Their season had been done approximately 14 hours. Aaron Rodgers, one of the leaders of the Green Bay Packers, sat alone at his locker, staring aimlessly around the room. Rodgers was asked if he’d talk about the season that just ended.

“Nope,” Rodgers said.

Instead, Rodgers began eavesdropping on an interview linebacker Desmond Bishop was conducting. After each question, Rodgers made a snide remark about the queries loud enough for anyone within earshot to hear.

“I can’t believe they’d ask that,” Rodgers said.

“Nice question,” he said another time.

Finally, doing his best Drew Rosenhaus, Rodgers bellowed, “Next question.”

Instead of preparing for the NFC Championship Game, Rodgers was now critiquing reporters.

This lede is completely worthless without proper context. We have no idea what questions the media were asking Desmond Bishop, but we are just supposed to assume they were ENLIGHTENING and that Rodgers was being a dick? I’m very sorry that Rodgers was, at this time, unwilling to provide canned quotes that Reischel could use to color in his preconceived agenda, but don’t know if I can blame him. Would you want to answer dumb questions from entitled reporters in the immediate aftermath of your professional shortcomings? “You lost that big account today, Ryan, can you give me any insight into how that feels or what you would do differently the next time?”

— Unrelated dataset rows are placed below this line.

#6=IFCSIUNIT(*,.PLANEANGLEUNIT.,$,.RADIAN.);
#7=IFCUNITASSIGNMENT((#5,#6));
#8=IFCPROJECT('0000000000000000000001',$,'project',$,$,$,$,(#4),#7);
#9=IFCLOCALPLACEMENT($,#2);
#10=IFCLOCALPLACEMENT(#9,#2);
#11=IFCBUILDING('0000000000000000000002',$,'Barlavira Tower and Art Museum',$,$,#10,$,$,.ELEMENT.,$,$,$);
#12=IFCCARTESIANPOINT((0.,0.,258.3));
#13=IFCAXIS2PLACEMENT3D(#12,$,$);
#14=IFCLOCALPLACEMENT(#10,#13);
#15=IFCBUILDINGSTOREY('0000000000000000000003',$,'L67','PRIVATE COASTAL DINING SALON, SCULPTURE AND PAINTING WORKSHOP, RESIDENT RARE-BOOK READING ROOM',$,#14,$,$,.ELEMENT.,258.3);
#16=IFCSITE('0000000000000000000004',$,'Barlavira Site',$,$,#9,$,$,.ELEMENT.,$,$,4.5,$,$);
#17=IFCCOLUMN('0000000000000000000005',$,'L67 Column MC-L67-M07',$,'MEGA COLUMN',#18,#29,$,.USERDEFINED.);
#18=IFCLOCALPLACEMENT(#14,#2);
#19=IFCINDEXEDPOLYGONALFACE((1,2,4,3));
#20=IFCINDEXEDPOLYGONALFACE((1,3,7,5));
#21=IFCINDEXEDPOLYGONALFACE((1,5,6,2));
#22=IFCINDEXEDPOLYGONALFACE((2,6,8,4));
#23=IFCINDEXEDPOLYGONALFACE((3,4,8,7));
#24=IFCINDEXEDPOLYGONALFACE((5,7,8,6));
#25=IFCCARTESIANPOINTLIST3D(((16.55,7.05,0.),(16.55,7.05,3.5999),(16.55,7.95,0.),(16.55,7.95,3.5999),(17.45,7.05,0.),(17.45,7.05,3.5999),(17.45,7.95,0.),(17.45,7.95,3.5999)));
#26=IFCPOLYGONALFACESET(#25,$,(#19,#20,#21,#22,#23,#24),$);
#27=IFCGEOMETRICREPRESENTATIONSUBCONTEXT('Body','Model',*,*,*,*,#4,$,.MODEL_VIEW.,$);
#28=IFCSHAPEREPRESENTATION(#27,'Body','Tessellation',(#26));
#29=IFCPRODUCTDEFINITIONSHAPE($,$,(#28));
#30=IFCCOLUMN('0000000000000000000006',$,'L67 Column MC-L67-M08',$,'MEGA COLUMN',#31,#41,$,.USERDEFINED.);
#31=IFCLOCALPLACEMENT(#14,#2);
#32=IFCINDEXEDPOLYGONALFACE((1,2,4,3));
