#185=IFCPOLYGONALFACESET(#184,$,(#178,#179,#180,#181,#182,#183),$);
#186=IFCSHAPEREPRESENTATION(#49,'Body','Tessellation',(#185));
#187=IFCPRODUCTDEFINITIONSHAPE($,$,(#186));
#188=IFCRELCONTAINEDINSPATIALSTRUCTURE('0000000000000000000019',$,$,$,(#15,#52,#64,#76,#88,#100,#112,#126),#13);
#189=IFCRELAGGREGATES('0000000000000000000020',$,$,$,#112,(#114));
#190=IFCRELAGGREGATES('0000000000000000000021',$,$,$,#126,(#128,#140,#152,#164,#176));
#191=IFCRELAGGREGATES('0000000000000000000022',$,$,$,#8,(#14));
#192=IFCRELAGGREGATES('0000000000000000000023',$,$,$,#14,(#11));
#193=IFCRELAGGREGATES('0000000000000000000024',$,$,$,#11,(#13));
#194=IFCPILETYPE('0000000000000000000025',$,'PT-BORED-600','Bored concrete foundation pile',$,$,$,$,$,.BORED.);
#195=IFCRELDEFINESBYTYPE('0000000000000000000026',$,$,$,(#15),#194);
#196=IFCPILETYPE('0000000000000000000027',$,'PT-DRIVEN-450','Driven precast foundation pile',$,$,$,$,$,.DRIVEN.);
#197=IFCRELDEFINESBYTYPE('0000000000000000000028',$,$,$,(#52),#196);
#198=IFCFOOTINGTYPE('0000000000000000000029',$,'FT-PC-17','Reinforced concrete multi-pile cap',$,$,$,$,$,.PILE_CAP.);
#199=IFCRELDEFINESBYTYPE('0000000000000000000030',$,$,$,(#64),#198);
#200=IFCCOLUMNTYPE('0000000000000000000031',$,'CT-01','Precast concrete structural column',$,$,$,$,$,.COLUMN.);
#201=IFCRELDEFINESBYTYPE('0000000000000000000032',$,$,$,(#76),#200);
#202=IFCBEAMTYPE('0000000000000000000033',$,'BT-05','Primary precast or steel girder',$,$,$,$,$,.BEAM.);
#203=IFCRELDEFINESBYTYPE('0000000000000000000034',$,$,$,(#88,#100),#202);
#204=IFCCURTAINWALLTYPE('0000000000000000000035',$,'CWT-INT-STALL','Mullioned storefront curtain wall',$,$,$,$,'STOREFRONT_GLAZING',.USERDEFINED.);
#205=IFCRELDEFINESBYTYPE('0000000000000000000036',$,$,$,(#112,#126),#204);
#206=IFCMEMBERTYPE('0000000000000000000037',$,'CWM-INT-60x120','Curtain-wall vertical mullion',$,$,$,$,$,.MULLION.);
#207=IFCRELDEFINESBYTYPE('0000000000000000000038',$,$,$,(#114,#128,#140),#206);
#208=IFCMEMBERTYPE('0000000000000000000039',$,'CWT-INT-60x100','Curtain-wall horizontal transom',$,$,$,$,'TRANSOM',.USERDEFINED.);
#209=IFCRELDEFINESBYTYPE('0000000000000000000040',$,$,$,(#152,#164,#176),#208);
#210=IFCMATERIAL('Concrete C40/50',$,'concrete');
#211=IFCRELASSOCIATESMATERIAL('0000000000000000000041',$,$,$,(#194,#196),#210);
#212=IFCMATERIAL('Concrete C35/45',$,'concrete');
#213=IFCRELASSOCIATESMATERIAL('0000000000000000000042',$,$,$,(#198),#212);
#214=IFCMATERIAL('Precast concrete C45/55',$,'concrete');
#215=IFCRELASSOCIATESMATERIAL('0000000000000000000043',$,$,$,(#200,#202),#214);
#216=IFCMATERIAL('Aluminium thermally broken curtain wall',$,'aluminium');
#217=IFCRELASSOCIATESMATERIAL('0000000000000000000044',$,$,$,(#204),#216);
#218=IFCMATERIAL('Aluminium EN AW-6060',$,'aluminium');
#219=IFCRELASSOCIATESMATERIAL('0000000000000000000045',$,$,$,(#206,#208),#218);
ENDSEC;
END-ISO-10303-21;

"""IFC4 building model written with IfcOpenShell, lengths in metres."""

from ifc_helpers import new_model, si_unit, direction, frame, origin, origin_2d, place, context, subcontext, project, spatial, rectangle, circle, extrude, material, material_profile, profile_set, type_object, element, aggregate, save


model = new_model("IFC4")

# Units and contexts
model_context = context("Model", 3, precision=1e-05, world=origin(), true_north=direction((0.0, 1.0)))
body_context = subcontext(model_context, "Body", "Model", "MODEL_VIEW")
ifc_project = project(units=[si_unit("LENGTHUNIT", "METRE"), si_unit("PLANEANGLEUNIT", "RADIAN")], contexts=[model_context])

Rodgers does not owe the media any more access than the League mandates. Despite that, he graciously does an hour radio spot for ESPN Milwaukee every Tuesday during the season with Jason Wilde. On it, he’s funny, candid, and interesting. He displays an uncanny recall for individual plays – these can be from last week or go as far back as high school – and breaks them down meticulously to give common fans unique insight into what caused them to succeed or fail. Fans who are really interested in access to Rodgers can find it here. We don’t need two-sentence clippings that fit into newspaper narratives.

It’s this type of leadership that had some taking shots at the 2011 most valuable player this season.

This type of leadership – the type that makes it harder for ME to write MY story – must be why the Packers lost to the 49ers. Nevermind the fact that the Packers defense gave up 579 yards and enabled Colin Kaepernick to look like the third coming of Jesus.